I am new at making rhinestone designs. One area that I have run into is when I make a design that is one size (example 3”X3” using a 10ss or other size stone) and if I want to increase it to a 6” X 6” design is there any software out there that will allow me to increase the size or decrease the size, and adjust the number of stones for the increase or decrease and keep the stone size the same. I want to be able to use the same design but adjust the size for different items without having to start completely over. I am doing my designs in CorelDraw X4. It just seems to be a lot of work to have to completely start over just to adjust the size. Any information on current available software that you might know of will be appreciated. THANKS!


----------



## katruax (Sep 30, 2010)

biglar said:


> I am new at making rhinestone designs. One area that I have run into is when I make a design that is one size (example 3”X3” using a 10ss or other size stone) and if I want to increase it to a 6” X 6” design is there any software out there that will allow me to increase the size or decrease the size, and adjust the number of stones for the increase or decrease and keep the stone size the same. I want to be able to use the same design but adjust the size for different items without having to start completely over. I am doing my designs in CorelDraw X4. It just seems to be a lot of work to have to completely start over just to adjust the size. Any information on current available software that you might know of will be appreciated. THANKS!

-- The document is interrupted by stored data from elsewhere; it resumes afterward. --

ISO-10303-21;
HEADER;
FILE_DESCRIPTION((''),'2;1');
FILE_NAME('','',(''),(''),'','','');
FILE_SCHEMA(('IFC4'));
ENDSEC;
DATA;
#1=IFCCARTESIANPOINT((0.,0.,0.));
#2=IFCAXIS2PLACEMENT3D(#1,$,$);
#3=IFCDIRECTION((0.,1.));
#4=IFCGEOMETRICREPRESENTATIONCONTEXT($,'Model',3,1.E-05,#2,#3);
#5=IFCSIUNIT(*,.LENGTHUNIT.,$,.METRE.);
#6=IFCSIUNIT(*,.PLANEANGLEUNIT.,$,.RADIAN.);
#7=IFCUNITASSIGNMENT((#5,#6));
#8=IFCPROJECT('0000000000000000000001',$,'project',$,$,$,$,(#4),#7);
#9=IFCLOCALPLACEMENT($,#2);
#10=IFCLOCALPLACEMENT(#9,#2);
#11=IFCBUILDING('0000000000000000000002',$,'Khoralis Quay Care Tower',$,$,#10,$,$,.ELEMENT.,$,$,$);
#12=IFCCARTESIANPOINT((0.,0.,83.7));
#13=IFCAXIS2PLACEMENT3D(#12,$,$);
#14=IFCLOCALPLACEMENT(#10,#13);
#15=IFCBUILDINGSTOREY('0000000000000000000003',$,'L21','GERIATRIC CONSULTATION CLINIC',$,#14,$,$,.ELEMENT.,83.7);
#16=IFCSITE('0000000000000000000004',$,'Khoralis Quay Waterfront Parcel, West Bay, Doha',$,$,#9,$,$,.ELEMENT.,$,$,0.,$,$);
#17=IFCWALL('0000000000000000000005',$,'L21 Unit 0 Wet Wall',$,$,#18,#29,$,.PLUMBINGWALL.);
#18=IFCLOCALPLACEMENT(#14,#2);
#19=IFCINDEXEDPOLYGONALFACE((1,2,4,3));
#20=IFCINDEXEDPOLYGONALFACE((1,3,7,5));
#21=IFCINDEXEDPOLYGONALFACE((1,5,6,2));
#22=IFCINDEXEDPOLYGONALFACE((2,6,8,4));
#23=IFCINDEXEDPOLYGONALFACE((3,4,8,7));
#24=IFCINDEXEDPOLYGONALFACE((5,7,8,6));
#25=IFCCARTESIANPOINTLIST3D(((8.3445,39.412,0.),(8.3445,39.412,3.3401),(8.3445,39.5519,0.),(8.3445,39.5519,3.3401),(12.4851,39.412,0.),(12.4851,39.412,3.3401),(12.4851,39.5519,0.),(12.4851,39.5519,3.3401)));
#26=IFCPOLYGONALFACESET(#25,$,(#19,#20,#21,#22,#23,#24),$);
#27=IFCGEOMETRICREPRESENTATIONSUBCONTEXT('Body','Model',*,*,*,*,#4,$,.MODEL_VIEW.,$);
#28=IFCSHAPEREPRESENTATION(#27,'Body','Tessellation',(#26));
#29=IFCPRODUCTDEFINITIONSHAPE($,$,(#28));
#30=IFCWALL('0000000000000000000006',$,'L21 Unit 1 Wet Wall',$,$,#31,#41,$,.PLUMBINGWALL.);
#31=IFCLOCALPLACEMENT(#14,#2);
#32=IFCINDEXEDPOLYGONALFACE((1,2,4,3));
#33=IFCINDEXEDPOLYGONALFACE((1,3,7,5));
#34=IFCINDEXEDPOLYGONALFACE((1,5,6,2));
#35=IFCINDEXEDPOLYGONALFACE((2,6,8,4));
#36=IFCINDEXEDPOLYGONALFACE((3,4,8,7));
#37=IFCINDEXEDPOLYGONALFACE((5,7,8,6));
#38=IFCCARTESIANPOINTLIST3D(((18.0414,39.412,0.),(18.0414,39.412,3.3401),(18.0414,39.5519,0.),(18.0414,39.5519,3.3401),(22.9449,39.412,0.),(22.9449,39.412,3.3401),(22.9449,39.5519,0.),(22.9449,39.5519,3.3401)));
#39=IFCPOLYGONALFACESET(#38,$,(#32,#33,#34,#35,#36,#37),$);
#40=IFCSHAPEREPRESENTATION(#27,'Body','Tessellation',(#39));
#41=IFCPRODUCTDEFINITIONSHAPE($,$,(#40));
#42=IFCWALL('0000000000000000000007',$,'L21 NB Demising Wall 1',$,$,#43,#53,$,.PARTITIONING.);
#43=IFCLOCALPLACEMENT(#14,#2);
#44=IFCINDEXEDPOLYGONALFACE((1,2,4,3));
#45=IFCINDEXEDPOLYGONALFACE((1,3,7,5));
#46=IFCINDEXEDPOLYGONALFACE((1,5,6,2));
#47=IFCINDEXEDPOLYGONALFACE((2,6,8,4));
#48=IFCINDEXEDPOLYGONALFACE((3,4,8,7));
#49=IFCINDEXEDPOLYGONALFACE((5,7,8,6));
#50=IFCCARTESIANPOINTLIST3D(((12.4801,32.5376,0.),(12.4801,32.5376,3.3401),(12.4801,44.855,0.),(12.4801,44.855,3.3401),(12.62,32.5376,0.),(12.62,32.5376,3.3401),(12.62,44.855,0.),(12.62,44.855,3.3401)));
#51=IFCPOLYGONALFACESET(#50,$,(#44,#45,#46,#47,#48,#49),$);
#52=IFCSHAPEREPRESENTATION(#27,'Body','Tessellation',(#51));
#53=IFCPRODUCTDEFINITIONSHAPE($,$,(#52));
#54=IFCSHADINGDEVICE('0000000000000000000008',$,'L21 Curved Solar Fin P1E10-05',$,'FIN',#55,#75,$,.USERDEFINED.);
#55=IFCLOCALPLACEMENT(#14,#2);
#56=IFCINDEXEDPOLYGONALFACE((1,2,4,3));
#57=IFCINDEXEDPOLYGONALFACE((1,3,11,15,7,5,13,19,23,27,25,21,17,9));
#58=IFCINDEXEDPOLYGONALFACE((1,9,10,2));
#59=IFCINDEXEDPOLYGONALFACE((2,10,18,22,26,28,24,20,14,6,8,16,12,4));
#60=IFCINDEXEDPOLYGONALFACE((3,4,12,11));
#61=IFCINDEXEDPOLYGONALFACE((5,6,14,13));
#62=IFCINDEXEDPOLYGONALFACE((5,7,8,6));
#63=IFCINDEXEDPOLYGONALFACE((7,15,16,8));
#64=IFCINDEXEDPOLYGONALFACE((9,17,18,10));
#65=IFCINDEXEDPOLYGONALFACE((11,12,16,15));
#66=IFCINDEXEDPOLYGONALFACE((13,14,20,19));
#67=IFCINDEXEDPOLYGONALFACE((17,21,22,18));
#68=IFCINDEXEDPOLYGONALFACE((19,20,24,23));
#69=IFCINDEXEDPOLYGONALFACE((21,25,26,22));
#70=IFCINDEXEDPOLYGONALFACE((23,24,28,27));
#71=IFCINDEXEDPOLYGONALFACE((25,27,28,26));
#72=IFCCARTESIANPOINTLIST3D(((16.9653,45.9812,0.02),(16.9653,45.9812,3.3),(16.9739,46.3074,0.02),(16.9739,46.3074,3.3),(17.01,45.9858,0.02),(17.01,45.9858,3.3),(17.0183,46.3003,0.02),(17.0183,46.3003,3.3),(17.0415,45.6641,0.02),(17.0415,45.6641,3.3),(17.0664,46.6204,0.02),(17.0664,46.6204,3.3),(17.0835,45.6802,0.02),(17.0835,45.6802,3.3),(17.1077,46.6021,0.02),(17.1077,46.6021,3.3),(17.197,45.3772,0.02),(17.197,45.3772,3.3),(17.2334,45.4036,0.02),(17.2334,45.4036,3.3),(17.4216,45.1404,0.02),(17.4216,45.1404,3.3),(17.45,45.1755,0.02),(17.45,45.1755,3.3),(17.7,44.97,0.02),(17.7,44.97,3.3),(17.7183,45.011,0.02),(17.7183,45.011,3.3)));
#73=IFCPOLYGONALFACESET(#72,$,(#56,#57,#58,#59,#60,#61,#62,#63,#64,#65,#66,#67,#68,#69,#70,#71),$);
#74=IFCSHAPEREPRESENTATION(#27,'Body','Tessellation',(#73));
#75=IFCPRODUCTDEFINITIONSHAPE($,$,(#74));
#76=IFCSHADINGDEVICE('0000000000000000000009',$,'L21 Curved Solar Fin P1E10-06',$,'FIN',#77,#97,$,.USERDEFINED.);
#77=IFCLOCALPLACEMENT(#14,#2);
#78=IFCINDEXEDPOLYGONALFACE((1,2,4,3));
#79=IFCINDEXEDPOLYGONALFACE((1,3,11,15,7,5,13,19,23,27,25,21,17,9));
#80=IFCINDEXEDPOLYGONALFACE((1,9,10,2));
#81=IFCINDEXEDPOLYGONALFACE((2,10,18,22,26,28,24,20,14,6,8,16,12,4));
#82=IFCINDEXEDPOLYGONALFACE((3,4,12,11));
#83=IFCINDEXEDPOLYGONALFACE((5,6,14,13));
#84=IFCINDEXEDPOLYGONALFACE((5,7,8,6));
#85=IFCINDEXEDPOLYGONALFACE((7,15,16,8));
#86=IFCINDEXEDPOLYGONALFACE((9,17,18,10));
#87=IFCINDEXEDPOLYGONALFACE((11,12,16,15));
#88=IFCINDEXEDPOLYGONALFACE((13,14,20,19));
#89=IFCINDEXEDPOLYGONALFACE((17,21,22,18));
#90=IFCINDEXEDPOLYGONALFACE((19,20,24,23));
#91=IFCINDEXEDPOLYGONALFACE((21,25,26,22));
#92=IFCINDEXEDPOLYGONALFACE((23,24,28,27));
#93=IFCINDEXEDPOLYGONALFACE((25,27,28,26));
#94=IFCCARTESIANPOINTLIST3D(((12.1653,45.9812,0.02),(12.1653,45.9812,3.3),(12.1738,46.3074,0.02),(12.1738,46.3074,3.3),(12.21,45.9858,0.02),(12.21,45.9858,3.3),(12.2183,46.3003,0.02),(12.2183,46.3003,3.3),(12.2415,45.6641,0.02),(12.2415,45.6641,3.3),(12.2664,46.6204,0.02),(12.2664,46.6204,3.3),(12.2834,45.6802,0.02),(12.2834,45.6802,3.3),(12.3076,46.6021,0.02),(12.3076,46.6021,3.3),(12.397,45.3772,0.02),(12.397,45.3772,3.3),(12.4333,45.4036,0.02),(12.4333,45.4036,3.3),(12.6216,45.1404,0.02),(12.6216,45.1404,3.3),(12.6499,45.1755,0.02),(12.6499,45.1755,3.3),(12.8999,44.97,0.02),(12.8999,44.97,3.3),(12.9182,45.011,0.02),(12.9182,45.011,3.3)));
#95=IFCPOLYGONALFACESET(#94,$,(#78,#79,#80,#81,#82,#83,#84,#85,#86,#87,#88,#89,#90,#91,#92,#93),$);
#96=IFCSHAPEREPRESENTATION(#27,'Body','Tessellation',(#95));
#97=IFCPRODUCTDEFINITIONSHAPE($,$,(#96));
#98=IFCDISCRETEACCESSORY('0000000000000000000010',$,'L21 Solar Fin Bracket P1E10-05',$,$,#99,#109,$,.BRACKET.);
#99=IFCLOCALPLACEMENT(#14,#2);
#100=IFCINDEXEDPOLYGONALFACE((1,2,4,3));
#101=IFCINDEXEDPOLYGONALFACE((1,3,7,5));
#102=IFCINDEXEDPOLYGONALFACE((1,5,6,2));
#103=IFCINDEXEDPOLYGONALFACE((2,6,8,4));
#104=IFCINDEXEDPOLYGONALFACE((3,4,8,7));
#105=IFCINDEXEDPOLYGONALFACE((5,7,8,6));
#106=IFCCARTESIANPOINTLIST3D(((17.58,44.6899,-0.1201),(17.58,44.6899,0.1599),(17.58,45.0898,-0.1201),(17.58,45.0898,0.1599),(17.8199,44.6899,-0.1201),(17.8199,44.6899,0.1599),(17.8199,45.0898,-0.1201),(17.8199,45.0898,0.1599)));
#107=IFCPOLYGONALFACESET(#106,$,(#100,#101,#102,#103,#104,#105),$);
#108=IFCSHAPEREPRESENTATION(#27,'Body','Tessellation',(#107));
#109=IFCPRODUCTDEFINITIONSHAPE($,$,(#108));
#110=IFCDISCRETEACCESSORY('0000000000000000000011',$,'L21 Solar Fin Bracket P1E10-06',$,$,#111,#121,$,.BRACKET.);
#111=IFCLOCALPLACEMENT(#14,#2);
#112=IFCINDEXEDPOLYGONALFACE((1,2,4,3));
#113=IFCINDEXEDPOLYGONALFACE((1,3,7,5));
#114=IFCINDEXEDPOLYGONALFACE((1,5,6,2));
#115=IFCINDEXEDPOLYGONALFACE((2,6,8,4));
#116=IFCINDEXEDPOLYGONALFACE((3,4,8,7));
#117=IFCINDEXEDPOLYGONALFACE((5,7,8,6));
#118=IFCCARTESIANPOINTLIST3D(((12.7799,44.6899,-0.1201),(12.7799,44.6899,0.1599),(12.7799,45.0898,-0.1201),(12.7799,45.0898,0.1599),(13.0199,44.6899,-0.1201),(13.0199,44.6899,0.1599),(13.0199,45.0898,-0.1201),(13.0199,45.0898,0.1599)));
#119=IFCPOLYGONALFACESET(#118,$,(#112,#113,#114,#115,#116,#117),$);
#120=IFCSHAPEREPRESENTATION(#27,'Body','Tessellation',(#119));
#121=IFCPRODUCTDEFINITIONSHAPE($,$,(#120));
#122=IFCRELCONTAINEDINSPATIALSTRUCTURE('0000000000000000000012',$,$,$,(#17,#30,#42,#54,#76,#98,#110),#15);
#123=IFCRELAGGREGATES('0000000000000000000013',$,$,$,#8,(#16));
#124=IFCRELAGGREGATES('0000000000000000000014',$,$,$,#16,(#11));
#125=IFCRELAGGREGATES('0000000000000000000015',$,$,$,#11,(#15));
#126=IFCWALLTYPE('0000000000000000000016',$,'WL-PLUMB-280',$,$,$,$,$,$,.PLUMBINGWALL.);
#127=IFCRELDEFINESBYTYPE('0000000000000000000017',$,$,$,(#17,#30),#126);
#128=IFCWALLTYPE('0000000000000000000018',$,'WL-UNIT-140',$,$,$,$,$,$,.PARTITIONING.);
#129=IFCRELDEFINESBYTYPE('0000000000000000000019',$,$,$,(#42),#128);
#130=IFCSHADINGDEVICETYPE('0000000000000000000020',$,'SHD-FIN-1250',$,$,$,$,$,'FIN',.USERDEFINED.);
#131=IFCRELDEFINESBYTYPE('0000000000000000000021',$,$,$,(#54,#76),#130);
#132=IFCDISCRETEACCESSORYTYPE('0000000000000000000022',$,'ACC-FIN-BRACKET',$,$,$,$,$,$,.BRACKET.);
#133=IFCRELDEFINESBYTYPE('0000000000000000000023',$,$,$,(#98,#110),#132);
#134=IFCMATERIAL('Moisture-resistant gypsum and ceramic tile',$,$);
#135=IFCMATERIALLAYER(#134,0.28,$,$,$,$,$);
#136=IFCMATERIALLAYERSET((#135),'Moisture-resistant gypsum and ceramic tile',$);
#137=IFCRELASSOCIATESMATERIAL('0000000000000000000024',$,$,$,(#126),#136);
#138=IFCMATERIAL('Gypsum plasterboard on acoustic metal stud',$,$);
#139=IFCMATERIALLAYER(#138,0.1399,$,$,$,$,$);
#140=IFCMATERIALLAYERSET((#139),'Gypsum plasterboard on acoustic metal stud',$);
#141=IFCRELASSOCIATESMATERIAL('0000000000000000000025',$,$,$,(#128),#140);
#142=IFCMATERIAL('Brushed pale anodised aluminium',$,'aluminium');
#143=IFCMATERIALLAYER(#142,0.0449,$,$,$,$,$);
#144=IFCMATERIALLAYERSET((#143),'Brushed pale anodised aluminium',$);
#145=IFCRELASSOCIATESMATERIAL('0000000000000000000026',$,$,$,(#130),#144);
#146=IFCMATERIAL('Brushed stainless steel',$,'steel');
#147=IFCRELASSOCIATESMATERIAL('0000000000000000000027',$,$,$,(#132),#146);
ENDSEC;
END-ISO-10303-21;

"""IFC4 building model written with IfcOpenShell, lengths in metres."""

from ifc_helpers import new_model, si_unit, direction, frame, frame_2d, origin, origin_2d, place, context, subcontext, project, spatial, polyline, rectangle, outline, extrude, source, transform, mapped, material, layer, layer_set, type_object, element, save


model = new_model("IFC4")

# Units and contexts
model_context = context("Model", 3, precision=1e-05, world=origin(), true_north=direction((0.0, 1.0)))
body_context = subcontext(model_context, "Body", "Model", "MODEL_VIEW")
ifc_project = project(units=[si_unit("LENGTHUNIT", "METRE"), si_unit("PLANEANGLEUNIT", "RADIAN")], contexts=[model_context])

# Site, building, storey
site_placement = place(None, origin())
site = spatial("IfcSite", under=ifc_project, at=site_placement, Name="Khoralis Quay Waterfront Parcel, West Bay, Doha", CompositionType="ELEMENT", RefElevation=0.0)
building_placement = place(site_placement, origin())
building = spatial("IfcBuilding", under=site, at=building_placement, Name="Khoralis Quay Care Tower", CompositionType="ELEMENT")
storey_placement = place(building_placement, frame((0.0, 0.0, 83.7)))
storey = spatial("IfcBuildingStorey", under=building, at=storey_placement, Name="L21", Description="GERIATRIC CONSULTATION CLINIC", CompositionType="ELEMENT", Elevation=83.7)

# Shared definitions
ifc_material_1 = material(Name="Gypsum plasterboard on acoustic metal stud")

There are several programs that allow you to do what you want but not in a way you might think...

For example Hot Fix Era allows you to do what you want, As does Artistic Crystals and I'm sure others...

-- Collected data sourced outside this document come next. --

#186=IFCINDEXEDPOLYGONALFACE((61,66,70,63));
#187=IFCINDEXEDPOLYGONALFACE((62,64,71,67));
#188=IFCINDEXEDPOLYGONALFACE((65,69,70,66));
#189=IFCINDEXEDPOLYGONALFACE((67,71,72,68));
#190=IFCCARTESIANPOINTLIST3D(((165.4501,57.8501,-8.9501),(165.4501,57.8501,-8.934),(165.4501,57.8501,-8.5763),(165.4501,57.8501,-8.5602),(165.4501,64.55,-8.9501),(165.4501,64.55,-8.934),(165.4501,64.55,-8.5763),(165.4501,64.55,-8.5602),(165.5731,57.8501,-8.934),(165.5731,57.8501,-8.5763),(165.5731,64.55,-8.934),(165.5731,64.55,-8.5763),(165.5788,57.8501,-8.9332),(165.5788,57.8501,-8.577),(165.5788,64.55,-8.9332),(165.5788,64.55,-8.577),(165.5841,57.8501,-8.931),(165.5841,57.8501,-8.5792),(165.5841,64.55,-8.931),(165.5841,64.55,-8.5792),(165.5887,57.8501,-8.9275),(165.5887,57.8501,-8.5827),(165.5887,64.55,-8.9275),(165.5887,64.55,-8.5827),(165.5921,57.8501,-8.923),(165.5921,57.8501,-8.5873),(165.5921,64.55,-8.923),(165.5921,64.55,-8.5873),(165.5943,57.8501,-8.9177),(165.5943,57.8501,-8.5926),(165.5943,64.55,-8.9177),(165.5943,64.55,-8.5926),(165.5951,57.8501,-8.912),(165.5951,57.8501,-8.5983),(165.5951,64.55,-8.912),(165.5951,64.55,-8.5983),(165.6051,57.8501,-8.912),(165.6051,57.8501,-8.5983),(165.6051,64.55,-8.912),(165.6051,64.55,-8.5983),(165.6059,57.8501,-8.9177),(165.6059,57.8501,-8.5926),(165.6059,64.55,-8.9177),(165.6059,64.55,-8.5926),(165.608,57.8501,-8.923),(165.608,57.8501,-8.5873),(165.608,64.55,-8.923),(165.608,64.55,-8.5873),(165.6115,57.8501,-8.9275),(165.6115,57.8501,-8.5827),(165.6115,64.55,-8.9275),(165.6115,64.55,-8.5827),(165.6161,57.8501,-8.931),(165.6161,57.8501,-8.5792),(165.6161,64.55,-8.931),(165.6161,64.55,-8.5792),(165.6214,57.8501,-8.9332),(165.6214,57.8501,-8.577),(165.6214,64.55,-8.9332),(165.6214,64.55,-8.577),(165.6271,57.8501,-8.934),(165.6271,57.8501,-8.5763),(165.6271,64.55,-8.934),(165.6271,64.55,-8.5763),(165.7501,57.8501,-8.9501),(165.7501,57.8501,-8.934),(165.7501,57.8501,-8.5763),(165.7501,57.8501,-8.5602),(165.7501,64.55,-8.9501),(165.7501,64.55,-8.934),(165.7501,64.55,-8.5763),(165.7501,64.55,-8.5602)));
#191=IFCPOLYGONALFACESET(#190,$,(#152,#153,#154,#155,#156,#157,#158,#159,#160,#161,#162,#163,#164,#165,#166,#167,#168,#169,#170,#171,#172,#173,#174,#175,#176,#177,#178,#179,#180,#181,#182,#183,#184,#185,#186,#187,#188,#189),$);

The challenge however is when you need not make adjustments you have to "break apart" the fill... As soon as you do that you loose the ability to resize....

So you design something at 3x3 and adjust the fills for that 3x3 size and then scale to 6x6... If you have broken apart the fill in these programs I mentioned then you cannot resize and have the stone count change... The size of the stone will remain the same but they cannot automatically add more stones to fill in the larger design.

Kevin


----------



## biglar (Dec 27, 2010)

Thanks for the information. Could a person save the file twice. One would be the original and the other would be the one you adjust? Each time you wanted to adjust the original file you would oprn it and rename it befor you made any adjustments? Maybe since I am new at this I am not fully understanding what you are saying with regards to breaking it apart. Who sales the software you mentioned. Thanks!


----------



## brndagayle (Oct 29, 2009)

That should work - as long as you have not broken your design apart from the path and saved it that way. I would actually highly recommend that you do that so you will always have the original design for just the purposes you are asking about.


----------



## diana13t (Mar 11, 2009)

Also, I don't know about Artistic Crystals, but in Hot Fix Era, you have to create the design in there, you cannot bring the design in from Corel or any other program and be able to resize it the way you are wanting....just wanted to clarify that situation.


----------